In addition to primary indicators, we further characterized the images in terms of component fractions, particle area distribution, aspect ratio, and orientation distribution. Furthermore, two indicators were calculated based on the counted angles for aggregates, namely, the average orientation angle (θ) and the vector magnitude (Δ), as follows [20,21]:

$$\theta =\frac{{\sum }_{i=1}^N\left|{\theta }_i\right|}{N}$$

(2)

$$∆=\frac{100}{\mathrm{N}}\sqrt{{\left(\sum \sin 2{\theta }_{\mathrm{i}}\right)}^2+{\left(\sum \cos 2{\theta }_{\mathrm{i}}\right)}^2}$$

(3)

where N is the particle number, and θ_i is the particle orientation angle.

In our quantitative analysis, we used the coefficient of variation (CoV) to describe image variation. In probability theory and statistics, the coefficient of variation is a measure of probability or frequency distribution. It is often expressed as a percentage and defined as the ratio of the standard deviation to the mean value, as expressed in Equation (4) [1].
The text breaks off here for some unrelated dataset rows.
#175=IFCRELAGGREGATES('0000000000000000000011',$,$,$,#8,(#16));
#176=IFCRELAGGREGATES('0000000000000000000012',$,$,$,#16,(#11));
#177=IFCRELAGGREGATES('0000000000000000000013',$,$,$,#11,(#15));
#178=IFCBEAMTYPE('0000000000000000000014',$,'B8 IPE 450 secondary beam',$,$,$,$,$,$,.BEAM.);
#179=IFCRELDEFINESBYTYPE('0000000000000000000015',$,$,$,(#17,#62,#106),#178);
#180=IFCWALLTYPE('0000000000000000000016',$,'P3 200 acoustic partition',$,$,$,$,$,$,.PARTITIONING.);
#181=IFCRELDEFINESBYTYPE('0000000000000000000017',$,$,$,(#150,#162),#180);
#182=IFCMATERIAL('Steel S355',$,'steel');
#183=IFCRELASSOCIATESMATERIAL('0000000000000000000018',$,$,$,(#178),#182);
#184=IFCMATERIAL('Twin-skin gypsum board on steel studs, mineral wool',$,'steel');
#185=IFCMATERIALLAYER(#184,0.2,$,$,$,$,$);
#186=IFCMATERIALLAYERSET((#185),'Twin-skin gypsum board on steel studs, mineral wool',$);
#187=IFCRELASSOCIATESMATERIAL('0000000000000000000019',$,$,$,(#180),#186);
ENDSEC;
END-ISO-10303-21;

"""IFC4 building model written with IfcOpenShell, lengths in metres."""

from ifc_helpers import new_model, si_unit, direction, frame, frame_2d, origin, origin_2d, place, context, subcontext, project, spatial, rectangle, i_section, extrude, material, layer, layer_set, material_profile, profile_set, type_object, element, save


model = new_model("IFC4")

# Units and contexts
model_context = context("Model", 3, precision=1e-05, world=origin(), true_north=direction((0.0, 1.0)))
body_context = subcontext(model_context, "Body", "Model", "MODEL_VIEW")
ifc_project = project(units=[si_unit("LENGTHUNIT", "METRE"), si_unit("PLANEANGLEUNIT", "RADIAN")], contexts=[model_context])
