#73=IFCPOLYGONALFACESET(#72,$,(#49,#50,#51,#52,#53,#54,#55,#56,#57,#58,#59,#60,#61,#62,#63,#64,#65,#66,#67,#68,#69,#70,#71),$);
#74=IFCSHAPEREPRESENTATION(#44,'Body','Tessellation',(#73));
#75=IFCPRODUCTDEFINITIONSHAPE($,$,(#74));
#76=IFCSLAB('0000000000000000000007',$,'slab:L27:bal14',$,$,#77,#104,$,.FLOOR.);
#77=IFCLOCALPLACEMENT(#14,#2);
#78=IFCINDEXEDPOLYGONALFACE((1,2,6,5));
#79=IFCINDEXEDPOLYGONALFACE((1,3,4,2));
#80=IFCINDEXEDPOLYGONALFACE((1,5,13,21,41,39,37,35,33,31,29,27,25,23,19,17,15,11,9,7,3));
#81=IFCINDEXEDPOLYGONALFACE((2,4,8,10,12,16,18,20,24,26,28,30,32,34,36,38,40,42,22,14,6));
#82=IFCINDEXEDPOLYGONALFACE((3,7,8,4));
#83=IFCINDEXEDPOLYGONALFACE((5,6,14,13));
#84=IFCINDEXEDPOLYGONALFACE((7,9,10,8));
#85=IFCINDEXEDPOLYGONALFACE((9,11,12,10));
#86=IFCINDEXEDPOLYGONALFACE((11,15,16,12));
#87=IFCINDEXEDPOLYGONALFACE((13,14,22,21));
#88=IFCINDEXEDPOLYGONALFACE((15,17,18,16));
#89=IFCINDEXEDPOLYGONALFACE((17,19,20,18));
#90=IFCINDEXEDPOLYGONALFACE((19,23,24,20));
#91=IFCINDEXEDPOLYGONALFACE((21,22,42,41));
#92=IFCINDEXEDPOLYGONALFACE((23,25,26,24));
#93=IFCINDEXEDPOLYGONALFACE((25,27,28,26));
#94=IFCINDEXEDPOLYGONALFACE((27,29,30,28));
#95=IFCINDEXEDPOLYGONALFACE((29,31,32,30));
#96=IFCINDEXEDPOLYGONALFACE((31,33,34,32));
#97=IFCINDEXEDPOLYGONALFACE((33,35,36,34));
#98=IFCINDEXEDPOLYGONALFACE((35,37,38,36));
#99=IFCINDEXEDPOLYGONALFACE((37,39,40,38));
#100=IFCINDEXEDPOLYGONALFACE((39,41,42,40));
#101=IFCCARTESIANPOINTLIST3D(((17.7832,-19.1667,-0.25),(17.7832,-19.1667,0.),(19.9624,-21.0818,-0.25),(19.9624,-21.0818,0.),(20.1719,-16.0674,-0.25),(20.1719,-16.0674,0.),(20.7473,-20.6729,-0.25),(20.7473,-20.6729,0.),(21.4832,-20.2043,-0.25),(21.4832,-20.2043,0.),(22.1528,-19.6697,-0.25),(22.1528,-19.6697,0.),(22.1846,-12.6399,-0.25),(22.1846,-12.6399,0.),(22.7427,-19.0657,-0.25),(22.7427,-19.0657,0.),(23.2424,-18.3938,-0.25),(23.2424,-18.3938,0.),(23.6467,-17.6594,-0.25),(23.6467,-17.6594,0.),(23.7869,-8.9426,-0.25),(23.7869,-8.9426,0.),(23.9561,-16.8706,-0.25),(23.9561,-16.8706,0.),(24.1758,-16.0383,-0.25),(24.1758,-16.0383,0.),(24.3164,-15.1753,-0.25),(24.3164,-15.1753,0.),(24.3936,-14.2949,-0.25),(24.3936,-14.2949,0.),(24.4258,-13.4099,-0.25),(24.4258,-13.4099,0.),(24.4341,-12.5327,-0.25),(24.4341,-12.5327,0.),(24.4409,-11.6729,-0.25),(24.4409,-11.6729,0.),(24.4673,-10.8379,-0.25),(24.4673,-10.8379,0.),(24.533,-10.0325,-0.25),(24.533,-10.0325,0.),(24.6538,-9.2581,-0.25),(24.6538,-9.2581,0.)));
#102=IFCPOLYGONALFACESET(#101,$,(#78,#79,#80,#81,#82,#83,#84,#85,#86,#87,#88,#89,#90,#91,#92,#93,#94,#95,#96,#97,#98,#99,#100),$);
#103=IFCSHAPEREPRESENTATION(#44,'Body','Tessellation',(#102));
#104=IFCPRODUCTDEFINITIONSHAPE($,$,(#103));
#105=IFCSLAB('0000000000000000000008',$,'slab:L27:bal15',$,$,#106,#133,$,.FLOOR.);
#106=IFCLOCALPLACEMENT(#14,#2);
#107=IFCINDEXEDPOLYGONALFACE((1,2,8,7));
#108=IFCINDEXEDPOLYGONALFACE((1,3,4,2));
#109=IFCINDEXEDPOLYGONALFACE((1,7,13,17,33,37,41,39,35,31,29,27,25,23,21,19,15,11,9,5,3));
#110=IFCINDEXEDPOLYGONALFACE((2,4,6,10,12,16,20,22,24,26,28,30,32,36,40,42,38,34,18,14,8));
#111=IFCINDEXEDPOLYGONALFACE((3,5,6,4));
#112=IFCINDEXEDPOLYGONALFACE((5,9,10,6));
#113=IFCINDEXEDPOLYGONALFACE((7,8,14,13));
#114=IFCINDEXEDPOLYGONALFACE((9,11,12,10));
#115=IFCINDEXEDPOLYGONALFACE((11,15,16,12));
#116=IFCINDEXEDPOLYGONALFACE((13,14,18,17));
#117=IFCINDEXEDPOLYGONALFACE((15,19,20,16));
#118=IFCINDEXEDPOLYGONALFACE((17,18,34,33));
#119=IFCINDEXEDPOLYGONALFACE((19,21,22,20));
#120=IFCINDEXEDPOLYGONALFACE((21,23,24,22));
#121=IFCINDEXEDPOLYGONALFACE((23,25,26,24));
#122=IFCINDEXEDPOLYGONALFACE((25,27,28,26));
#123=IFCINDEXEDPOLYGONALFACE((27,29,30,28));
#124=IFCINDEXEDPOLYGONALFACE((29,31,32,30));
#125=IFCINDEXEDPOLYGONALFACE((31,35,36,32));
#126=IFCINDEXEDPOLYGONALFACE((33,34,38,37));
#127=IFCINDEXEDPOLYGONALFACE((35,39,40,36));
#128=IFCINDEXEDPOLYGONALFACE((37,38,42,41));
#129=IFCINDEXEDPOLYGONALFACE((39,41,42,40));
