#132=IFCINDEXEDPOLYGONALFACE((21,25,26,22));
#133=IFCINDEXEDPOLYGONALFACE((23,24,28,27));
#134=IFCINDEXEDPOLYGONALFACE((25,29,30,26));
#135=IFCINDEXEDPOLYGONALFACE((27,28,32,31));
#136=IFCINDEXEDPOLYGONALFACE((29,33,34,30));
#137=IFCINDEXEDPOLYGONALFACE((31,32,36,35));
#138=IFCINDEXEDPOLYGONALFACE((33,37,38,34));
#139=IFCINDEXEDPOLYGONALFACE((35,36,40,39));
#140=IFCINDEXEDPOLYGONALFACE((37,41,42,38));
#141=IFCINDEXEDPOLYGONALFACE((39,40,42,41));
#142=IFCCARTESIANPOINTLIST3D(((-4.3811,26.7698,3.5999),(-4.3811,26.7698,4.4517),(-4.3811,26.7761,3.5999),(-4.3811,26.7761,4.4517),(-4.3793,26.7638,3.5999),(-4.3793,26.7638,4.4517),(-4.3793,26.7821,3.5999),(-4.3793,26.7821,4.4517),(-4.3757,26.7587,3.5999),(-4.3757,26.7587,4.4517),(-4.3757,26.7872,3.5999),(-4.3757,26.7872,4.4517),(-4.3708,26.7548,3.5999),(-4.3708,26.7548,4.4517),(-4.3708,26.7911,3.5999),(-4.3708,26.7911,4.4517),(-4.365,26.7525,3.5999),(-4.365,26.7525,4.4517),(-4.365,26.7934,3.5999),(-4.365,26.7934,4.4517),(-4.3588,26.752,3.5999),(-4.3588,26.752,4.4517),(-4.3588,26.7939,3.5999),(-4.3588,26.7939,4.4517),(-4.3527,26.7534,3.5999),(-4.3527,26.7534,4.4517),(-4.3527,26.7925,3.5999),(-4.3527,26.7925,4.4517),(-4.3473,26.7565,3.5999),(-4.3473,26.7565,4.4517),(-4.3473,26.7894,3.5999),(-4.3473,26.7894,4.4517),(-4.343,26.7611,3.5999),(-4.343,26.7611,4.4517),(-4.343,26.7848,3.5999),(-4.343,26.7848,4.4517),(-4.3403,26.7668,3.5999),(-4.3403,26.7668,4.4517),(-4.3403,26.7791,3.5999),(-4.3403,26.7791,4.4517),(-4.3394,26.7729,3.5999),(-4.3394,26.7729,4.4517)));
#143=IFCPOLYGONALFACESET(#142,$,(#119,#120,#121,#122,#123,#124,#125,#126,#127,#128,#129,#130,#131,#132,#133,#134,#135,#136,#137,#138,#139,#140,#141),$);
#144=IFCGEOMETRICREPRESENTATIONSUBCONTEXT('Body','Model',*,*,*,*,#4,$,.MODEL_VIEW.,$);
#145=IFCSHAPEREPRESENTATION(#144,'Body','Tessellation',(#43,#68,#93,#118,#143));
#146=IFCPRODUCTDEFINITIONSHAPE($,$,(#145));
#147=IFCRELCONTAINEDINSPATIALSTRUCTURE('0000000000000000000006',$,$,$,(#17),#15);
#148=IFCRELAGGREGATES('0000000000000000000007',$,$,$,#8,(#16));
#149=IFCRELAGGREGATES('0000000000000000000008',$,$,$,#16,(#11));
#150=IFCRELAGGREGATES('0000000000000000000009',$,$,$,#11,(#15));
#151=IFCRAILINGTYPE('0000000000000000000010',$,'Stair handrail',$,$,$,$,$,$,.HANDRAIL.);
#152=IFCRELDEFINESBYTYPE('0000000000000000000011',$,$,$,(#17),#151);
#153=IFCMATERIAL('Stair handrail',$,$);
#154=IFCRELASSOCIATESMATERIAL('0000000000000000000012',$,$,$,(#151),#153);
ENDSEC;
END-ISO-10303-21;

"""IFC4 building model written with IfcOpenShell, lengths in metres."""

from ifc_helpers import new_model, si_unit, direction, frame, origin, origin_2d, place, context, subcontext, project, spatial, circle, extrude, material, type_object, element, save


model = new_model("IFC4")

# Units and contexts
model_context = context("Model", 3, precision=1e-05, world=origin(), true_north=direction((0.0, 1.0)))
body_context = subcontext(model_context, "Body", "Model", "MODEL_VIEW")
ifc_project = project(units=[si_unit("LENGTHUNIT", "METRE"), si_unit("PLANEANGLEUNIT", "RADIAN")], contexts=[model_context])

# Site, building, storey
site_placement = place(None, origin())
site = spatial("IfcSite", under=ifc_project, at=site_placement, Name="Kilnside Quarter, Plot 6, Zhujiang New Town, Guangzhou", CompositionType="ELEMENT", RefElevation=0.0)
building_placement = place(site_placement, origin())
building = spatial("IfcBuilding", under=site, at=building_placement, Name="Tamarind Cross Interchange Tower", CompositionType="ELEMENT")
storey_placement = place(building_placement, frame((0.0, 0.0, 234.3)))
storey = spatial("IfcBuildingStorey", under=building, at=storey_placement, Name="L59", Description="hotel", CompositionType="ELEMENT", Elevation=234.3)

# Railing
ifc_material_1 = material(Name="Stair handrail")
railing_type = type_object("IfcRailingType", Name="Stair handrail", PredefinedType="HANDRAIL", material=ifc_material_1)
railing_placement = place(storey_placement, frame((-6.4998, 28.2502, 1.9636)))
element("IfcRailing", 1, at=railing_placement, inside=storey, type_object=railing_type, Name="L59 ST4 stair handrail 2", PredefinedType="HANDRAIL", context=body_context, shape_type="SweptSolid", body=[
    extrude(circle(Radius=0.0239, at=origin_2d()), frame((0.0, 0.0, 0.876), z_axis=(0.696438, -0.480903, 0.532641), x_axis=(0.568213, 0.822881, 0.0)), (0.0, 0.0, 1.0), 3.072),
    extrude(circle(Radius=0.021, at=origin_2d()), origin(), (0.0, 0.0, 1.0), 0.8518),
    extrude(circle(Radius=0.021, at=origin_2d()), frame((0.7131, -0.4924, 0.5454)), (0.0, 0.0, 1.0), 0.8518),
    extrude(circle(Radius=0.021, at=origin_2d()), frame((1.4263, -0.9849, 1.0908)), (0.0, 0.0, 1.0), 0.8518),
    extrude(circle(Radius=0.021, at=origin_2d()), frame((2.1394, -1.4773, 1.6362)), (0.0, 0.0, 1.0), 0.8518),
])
$$CoV=\frac{\sigma }{\mu }\times 100\%$$

(4)

Here, σ represents the standard deviation, and μ is the mean value.

2.2. Image Similarity Estimation among Different 2D Models

2.2.1. Cosine Similarity of Images

Cosine similarity is used to measure the similarity between two vectors, a quality defined in the following equations:

$$Similarity=\cos \left(\theta \right)=\frac{\mathit{A}·\mathit{B}}{‖\mathit{A}‖‖\mathit{B}‖}=\frac{{\sum }_{i=1}^n{A}_i\times B_i}{\sqrt{{\sum }_{i=1}^n{\left(A_i\right)}^2}\times \sqrt{{\sum }_{i=1}^n{\left(B_i\right)}^2}}$$

(5)

where A_i and B_i represent the components of vectors A and B, respectively.

Before using cosine similarity to evaluate image similarity, the images were transformed to the vector format, followed by a cosine calculation conducted between two vectors. The whole calculation process was completed using MATLAB.
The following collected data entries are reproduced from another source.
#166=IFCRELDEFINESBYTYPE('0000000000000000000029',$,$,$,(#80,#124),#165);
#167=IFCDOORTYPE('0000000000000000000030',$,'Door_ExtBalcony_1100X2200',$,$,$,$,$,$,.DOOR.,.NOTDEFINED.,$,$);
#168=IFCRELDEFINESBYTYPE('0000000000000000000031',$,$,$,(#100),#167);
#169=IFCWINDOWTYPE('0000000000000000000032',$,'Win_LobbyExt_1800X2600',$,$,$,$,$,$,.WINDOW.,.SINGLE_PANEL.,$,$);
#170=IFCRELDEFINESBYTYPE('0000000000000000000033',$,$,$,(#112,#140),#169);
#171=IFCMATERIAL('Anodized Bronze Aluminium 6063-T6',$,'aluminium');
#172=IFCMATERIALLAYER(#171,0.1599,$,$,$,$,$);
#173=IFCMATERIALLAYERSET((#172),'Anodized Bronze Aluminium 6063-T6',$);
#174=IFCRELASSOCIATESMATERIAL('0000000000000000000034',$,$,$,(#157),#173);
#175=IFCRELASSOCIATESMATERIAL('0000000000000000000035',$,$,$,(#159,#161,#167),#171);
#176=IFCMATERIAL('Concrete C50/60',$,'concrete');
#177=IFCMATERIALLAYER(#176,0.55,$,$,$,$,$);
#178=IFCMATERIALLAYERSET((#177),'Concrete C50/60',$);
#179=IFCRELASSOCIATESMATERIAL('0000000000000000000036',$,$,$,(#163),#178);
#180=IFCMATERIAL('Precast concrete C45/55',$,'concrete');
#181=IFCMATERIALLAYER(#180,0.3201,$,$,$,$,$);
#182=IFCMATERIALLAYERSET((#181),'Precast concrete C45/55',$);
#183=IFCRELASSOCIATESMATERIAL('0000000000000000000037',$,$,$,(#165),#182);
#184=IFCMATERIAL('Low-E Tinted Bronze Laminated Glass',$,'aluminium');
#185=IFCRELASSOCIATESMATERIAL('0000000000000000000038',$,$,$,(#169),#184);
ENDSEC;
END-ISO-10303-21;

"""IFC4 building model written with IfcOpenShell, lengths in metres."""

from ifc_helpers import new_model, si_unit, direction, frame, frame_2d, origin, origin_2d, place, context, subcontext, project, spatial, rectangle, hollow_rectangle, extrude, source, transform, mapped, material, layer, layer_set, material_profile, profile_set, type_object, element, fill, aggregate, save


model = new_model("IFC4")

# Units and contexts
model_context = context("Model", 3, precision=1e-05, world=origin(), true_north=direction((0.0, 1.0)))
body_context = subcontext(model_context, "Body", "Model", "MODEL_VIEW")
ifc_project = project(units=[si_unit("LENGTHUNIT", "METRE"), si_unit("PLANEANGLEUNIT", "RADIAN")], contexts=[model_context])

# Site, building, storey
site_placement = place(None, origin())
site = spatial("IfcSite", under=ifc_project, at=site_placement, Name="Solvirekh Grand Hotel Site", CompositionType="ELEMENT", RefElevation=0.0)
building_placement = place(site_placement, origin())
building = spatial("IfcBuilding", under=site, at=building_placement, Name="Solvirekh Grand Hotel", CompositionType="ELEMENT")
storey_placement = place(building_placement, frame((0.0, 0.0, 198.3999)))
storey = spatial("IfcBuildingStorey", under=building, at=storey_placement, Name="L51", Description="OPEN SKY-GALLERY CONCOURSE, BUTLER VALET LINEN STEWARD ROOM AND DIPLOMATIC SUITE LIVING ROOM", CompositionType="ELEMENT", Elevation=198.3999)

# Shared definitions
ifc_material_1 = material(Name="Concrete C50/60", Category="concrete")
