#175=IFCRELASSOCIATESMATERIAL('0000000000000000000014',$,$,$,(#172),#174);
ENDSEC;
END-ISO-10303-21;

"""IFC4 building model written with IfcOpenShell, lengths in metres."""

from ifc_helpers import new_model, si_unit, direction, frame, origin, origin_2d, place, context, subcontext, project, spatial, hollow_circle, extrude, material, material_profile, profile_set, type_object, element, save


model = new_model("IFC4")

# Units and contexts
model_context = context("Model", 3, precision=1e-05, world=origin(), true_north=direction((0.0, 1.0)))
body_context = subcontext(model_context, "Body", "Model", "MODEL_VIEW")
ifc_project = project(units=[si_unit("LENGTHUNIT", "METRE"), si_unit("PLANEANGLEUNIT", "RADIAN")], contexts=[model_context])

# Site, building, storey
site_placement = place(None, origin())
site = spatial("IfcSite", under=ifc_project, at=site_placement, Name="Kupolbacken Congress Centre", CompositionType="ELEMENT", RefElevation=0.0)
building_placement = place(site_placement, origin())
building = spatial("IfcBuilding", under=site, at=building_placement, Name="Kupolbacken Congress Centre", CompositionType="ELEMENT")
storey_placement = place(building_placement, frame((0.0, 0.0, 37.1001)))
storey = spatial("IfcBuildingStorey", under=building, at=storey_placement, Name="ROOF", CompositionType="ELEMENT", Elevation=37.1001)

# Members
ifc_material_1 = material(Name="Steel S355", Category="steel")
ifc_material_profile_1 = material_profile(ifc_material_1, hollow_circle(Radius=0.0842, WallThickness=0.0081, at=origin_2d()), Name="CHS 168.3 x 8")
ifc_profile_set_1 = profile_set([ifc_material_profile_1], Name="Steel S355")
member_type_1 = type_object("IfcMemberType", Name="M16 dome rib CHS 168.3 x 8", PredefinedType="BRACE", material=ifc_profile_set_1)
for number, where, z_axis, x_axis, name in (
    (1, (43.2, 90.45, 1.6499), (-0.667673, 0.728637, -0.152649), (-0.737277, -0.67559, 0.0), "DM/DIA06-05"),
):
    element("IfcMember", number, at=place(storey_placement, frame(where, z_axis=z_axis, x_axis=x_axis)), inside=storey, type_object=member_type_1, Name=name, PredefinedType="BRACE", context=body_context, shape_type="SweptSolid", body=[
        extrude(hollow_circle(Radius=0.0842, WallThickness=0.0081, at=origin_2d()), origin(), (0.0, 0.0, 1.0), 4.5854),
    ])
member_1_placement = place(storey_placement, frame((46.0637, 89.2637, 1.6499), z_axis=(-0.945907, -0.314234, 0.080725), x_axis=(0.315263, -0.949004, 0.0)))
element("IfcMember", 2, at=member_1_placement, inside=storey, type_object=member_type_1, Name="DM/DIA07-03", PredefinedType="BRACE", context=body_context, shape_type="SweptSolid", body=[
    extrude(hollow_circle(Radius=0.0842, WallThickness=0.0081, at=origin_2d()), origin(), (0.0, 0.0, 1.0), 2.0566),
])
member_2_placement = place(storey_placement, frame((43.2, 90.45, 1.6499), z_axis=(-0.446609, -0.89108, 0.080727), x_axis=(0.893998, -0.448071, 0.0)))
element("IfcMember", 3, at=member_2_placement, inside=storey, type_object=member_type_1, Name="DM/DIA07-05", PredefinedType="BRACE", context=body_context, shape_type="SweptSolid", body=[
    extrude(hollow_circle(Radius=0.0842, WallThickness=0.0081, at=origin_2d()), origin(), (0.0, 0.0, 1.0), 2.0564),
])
2.2.2. Structural Similarity Index Measure (SSIM)

The structural similarity index measure (SSIM) is another widely used method for estimating the similarity between two images. Structural similarity was defined using the following equation:

$$SSIM \left(x,y\right)={\left[l\right(x,y\left)\right]}^{\alpha }{\left[c\right(x,y\left)\right]}^{\beta }{\left[s\right(x,y\left)\right]}^{\gamma }$$

(6)

where l, c, and s represent the comparative measurements of luminance, contrast, and structure between two images, respectively. α, β, and γ are the weight parameters concerning the importance of l, c, and s, respectively. In this calculation, the weight parameters used for α, β, and γ were 0, 0, and 1, respectively.

3. Finite Element Modeling of 2D Images

3.1. Model Construction Using Digital Image Processing (DIP)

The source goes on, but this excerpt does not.